There are a lot of people in the world, and a lot of different ways to lead your life.  Some people let themselves get caught in emotional eddies and live their lives in a sort of tragic, self-destructive, self-perpetuating tragedy.  And you're lining yourself up to be one of those people.  

Do you want to be a 30 year old who is still broken up over a woman who disappeared from his life, long ago, and when she left you gave her so much of your self worth you don't have enough left to care about someone else? Because that's where you're heading.  

You'll falling for the traps that used to catch me -- a feeling that you're needed, that you're special, that even if you're not dating your more important in her life that other people, other friends, even her dates.  And what makes it so convincing is that it's really true.  She means it, every word of it -- while she's in the room with you.  

It's an important distinction.  She's not lying, but the truth changes when someone else is in the room -- not because she's a bad person, but because she's a needy mess, and will cling to the nearest source of emotional support she can find.  

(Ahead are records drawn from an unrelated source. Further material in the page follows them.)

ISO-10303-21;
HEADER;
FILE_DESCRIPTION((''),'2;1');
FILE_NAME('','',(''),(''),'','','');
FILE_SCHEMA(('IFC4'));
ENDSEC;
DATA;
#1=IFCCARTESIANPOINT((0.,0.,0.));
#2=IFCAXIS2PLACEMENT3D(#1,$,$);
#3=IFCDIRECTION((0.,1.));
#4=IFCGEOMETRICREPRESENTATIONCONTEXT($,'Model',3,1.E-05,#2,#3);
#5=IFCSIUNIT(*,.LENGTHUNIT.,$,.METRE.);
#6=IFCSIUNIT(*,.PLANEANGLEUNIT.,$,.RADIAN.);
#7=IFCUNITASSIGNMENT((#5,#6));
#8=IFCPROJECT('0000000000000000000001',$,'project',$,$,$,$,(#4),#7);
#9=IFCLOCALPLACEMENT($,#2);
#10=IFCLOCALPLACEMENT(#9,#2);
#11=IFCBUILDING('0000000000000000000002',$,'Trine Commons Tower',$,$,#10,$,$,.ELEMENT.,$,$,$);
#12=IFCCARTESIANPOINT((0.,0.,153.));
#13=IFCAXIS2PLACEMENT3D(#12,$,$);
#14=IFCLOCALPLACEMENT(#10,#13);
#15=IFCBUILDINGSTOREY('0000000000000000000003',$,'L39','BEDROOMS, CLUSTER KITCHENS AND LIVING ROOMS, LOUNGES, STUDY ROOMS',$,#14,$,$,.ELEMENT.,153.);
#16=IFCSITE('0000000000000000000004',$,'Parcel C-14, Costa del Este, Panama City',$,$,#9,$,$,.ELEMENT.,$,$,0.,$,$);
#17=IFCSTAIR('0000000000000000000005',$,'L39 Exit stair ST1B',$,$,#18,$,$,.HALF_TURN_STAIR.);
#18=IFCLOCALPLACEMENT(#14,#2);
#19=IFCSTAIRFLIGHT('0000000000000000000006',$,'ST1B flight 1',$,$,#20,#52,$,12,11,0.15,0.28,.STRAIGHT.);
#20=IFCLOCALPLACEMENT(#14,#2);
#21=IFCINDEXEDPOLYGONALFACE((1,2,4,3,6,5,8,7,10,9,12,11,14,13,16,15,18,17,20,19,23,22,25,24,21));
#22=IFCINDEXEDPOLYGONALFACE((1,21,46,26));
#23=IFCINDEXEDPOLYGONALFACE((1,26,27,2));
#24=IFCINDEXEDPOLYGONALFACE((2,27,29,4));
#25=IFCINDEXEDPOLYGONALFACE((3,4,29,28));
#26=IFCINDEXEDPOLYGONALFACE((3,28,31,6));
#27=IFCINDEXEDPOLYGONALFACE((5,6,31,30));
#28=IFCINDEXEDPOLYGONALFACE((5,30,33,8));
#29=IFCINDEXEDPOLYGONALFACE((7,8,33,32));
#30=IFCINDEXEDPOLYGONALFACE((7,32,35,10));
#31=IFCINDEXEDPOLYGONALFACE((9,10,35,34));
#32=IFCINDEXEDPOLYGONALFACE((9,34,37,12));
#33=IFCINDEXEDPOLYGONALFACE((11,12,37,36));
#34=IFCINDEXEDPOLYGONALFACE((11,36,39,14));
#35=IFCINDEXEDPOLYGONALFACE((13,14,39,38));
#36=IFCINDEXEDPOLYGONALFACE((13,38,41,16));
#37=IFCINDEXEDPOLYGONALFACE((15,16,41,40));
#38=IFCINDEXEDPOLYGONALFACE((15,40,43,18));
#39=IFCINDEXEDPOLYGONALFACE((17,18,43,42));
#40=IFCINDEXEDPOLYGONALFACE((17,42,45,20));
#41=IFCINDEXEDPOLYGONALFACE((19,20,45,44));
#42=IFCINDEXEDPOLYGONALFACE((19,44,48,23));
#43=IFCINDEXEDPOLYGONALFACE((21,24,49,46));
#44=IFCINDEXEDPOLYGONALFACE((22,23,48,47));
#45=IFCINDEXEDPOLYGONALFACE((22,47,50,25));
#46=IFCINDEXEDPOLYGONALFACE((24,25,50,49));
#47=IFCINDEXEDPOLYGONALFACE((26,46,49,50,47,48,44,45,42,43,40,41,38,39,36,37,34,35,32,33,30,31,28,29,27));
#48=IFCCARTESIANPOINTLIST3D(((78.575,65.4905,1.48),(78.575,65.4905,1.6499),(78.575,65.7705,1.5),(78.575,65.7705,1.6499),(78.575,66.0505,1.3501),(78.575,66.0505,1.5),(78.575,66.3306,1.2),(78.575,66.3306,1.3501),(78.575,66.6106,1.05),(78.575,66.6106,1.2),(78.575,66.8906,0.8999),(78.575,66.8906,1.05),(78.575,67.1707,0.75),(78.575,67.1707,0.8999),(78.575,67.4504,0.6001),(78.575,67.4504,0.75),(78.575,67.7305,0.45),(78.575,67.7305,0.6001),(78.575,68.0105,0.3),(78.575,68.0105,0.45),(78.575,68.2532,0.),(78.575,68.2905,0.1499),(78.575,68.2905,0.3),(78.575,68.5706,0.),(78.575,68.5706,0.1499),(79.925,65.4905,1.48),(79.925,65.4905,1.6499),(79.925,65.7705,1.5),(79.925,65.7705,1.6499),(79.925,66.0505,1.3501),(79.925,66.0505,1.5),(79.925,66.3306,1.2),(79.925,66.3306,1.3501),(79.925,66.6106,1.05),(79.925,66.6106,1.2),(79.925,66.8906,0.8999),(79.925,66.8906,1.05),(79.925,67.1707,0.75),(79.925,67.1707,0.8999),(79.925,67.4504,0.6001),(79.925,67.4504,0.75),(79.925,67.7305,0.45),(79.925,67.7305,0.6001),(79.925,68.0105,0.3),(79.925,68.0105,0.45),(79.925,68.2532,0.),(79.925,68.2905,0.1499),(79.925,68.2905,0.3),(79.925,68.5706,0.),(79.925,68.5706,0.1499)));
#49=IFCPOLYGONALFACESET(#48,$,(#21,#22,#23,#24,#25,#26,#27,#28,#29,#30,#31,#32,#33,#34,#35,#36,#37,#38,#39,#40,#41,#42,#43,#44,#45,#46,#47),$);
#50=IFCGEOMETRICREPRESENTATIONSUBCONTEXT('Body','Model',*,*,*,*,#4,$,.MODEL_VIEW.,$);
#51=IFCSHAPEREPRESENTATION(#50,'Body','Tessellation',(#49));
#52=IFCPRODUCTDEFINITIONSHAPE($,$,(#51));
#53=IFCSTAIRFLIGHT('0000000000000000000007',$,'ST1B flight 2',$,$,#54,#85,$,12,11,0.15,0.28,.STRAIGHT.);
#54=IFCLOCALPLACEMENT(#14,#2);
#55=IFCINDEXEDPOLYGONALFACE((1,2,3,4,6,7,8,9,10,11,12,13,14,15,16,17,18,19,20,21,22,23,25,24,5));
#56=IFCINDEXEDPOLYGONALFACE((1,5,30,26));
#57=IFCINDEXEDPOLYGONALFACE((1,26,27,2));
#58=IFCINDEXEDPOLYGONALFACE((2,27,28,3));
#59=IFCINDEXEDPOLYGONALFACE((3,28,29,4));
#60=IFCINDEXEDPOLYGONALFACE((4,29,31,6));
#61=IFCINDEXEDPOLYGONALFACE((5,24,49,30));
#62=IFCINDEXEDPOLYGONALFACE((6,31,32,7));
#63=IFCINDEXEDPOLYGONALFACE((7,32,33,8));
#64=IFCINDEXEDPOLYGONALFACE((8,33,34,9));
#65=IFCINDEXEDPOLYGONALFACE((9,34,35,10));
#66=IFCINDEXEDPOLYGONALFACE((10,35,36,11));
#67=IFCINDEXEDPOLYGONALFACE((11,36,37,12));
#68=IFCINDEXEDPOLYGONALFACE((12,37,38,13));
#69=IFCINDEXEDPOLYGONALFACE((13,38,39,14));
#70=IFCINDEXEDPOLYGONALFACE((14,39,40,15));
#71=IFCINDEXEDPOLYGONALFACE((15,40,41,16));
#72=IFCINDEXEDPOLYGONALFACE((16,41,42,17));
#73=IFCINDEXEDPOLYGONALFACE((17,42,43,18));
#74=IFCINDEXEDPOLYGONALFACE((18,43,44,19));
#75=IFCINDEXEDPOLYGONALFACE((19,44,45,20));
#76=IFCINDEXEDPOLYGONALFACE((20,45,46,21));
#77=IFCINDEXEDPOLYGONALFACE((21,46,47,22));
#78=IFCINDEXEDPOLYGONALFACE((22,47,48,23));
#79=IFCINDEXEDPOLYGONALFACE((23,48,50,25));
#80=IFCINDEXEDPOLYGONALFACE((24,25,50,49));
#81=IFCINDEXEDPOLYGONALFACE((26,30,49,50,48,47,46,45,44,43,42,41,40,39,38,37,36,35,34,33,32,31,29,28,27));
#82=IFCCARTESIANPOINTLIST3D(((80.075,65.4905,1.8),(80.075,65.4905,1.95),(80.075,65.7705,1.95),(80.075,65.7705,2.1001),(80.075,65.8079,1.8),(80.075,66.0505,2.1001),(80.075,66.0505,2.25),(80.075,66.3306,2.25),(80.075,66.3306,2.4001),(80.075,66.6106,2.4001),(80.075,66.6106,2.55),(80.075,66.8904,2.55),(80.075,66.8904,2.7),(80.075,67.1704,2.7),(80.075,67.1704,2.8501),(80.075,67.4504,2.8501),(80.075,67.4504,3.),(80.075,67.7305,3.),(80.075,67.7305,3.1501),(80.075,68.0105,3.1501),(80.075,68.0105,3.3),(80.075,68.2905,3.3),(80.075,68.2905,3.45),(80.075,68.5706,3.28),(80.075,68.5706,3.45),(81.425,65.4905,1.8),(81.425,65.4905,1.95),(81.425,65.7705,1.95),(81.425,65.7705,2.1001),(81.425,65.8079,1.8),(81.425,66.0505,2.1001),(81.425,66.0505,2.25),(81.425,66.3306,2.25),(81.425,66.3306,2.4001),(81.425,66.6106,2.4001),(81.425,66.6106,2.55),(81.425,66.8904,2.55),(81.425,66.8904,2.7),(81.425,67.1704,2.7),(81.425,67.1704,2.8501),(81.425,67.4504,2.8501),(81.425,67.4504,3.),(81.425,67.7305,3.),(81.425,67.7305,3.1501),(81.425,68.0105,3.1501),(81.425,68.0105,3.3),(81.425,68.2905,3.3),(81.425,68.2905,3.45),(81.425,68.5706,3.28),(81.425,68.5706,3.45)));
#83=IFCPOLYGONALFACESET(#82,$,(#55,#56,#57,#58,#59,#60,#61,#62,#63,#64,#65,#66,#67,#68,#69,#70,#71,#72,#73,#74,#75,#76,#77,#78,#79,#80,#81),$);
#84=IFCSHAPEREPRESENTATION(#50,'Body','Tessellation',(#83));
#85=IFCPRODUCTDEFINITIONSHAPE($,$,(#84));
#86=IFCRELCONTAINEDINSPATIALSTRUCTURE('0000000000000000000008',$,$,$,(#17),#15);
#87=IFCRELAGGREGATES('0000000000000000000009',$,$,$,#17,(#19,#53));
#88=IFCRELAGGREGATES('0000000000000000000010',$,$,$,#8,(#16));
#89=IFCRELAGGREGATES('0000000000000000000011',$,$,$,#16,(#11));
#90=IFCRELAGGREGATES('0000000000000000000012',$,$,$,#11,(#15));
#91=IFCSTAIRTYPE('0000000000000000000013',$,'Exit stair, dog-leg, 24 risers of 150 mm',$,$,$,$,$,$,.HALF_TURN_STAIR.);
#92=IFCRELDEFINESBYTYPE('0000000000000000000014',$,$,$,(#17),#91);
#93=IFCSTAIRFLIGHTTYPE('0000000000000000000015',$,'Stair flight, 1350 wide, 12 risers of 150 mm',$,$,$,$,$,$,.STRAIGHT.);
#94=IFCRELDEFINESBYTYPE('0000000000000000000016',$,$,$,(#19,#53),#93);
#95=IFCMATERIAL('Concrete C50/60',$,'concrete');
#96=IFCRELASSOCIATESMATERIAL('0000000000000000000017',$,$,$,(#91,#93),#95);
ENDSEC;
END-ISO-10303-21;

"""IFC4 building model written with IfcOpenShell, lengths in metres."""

from ifc_helpers import new_model, si_unit, direction, frame, origin, place, context, subcontext, project, spatial, polyline, outline, extrude, material, type_object, element, aggregate, save


model = new_model("IFC4")

# Units and contexts
model_context = context("Model", 3, precision=1e-05, world=origin(), true_north=direction((0.0, 1.0)))
body_context = subcontext(model_context, "Body", "Model", "MODEL_VIEW")
ifc_project = project(units=[si_unit("LENGTHUNIT", "METRE"), si_unit("PLANEANGLEUNIT", "RADIAN")], contexts=[model_context])

# Site, building, storey
site_placement = place(None, origin())
site = spatial("IfcSite", under=ifc_project, at=site_placement, Name="Parcel C-14, Costa del Este, Panama City", CompositionType="ELEMENT", RefElevation=0.0)
building_placement = place(site_placement, origin())
building = spatial("IfcBuilding", under=site, at=building_placement, Name="Trine Commons Tower", CompositionType="ELEMENT")
storey_placement = place(building_placement, frame((0.0, 0.0, 153.0)))
storey = spatial("IfcBuildingStorey", under=building, at=storey_placement, Name="L39", Description="BEDROOMS, CLUSTER KITCHENS AND LIVING ROOMS, LOUNGES, STUDY ROOMS", CompositionType="ELEMENT", Elevation=153.0)

# Stair, stair flights
ifc_material_1 = material(Name="Concrete C50/60", Category="concrete")
stair_type = type_object("IfcStairType", Name="Exit stair, dog-leg, 24 risers of 150 mm", PredefinedType="HALF_TURN_STAIR", material=ifc_material_1)
stair_placement = place(storey_placement, origin())
stair = element("IfcStair", 1, at=stair_placement, inside=storey, type_object=stair_type, Name="L39 Exit stair ST1B", PredefinedType="HALF_TURN_STAIR")
stair_flight_type = type_object("IfcStairFlightType", Name="Stair flight, 1350 wide, 12 risers of 150 mm", PredefinedType="STRAIGHT", material=ifc_material_1)
stair_flight_1_placement = place(storey_placement, frame((79.25, 68.5706, 0.0), z_axis=(0.0, 0.0, 1.0), x_axis=(0.0, -1.0, 0.0)))
stair_flight_1 = element("IfcStairFlight", 2, at=stair_flight_1_placement, type_object=stair_flight_type, Name="ST1B flight 1", NumberOfRisers=12, NumberOfTreads=11, PredefinedType="STRAIGHT", RiserHeight=0.15, TreadLength=0.28, context=body_context, shape_type="SweptSolid", body=[
    extrude(outline(polyline([(0.0, 0.0), (0.0, 0.1499), (0.28, 0.1499), (0.28, 0.3), (0.5601, 0.3), (0.5601, 0.45), (0.8401, 0.45), (0.8401, 0.6001), (1.1201, 0.6001), (1.1201, 0.75), (1.3999, 0.75), (1.3999, 0.8999), (1.6799, 0.8999), (1.6799, 1.05), (1.96, 1.05), (1.96, 1.2), (2.24, 1.2), (2.24, 1.3501), (2.52, 1.3501), (2.52, 1.5), (2.8, 1.5), (2.8, 1.6499), (3.0801, 1.6499), (3.0801, 1.8), (3.0801, 1.48), (0.3174, 0.0), (0.0, 0.0)])), frame((0.0, 0.675, 0.0), z_axis=(0.0, -1.0, 0.0), x_axis=(1.0, 0.0, 0.0)), (0.0, 0.0, 1.0), 1.3501),
])
stair_flight_2_placement = place(storey_placement, frame((80.75, 65.4905, 1.8), z_axis=(0.0, 0.0, 1.0), x_axis=(0.0, 1.0, 0.0)))
stair_flight_2 = element("IfcStairFlight", 3, at=stair_flight_2_placement, type_object=stair_flight_type, Name="ST1B flight 2", NumberOfRisers=12, NumberOfTreads=11, PredefinedType="STRAIGHT", RiserHeight=0.15, TreadLength=0.28, context=body_context, shape_type="SweptSolid", body=[
    extrude(outline(polyline([(0.0, 0.0), (0.0, 0.1499), (0.28, 0.1499), (0.28, 0.3), (0.5601, 0.3), (0.5601, 0.45), (0.8401, 0.45), (0.8401, 0.6001), (1.1201, 0.6001), (1.1201, 0.75), (1.3999, 0.75), (1.3999, 0.8999), (1.6799, 0.8999), (1.6799, 1.05), (1.96, 1.05), (1.96, 1.2), (2.24, 1.2), (2.24, 1.3501), (2.52, 1.3501), (2.52, 1.5), (2.8, 1.5), (2.8, 1.6499), (3.0801, 1.6499), (3.0801, 1.8), (3.0801, 1.48), (0.3174, 0.0), (0.0, 0.0)])), frame((0.0, 0.675, 0.0), z_axis=(0.0, -1.0, 0.0), x_axis=(1.0, 0.0, 0.0)), (0.0, 0.0, 1.0), 1.3501),
])
aggregate(stair, [stair_flight_1, stair_flight_2])

save(model, "model.ifc")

That's not love, no matter how heady it is.  It's a sort of vampirism.  

And, the bottom line is, she'll never want you.  She's never going to turn around and set her sights on you BECAUSE SHE ALREADY HAS YOU.  You gave her your heart and soul already, and in the end that just makes you too easy, to safe, and not interesting enough.  

But.  If you leave.  If you get the hell out of her mother's house and get your own life going, you own friends, your own feet back on the ground, where they belong -- then maybe you'll be ready to be won again -- and who knows, it might be her, coming back to see what she lost, or maybe it'll be someone better, someone who is looking for someone she can give back to as much as she takes.  

I spent years -- too many to count (I'm almost 37, started dating at 17, you do the math, it ain't hard)  and I've spent years and years orbiting a few women very much like the one you've described.  When you in the room with them it's like the whole world is on fire.  It's amazing.  And while you're not together, you're still thinking about her -- probably having imaginary conversations with her in the shower, writing pages and pages in your journal about her. But all that time you're thinking about her, she isn't thinking about you.  She's thinking about whomever else is in the room with her, and how she can get the attention she craves out of the person she's with.  

The longer you sit around, mooning over her, especially in her mother's house, the less likely you make it that any sort of relationship will ever really happen between you too.  Break out.  Get some loans and get a crappy apartment above a pub.  Or live in the dorms. 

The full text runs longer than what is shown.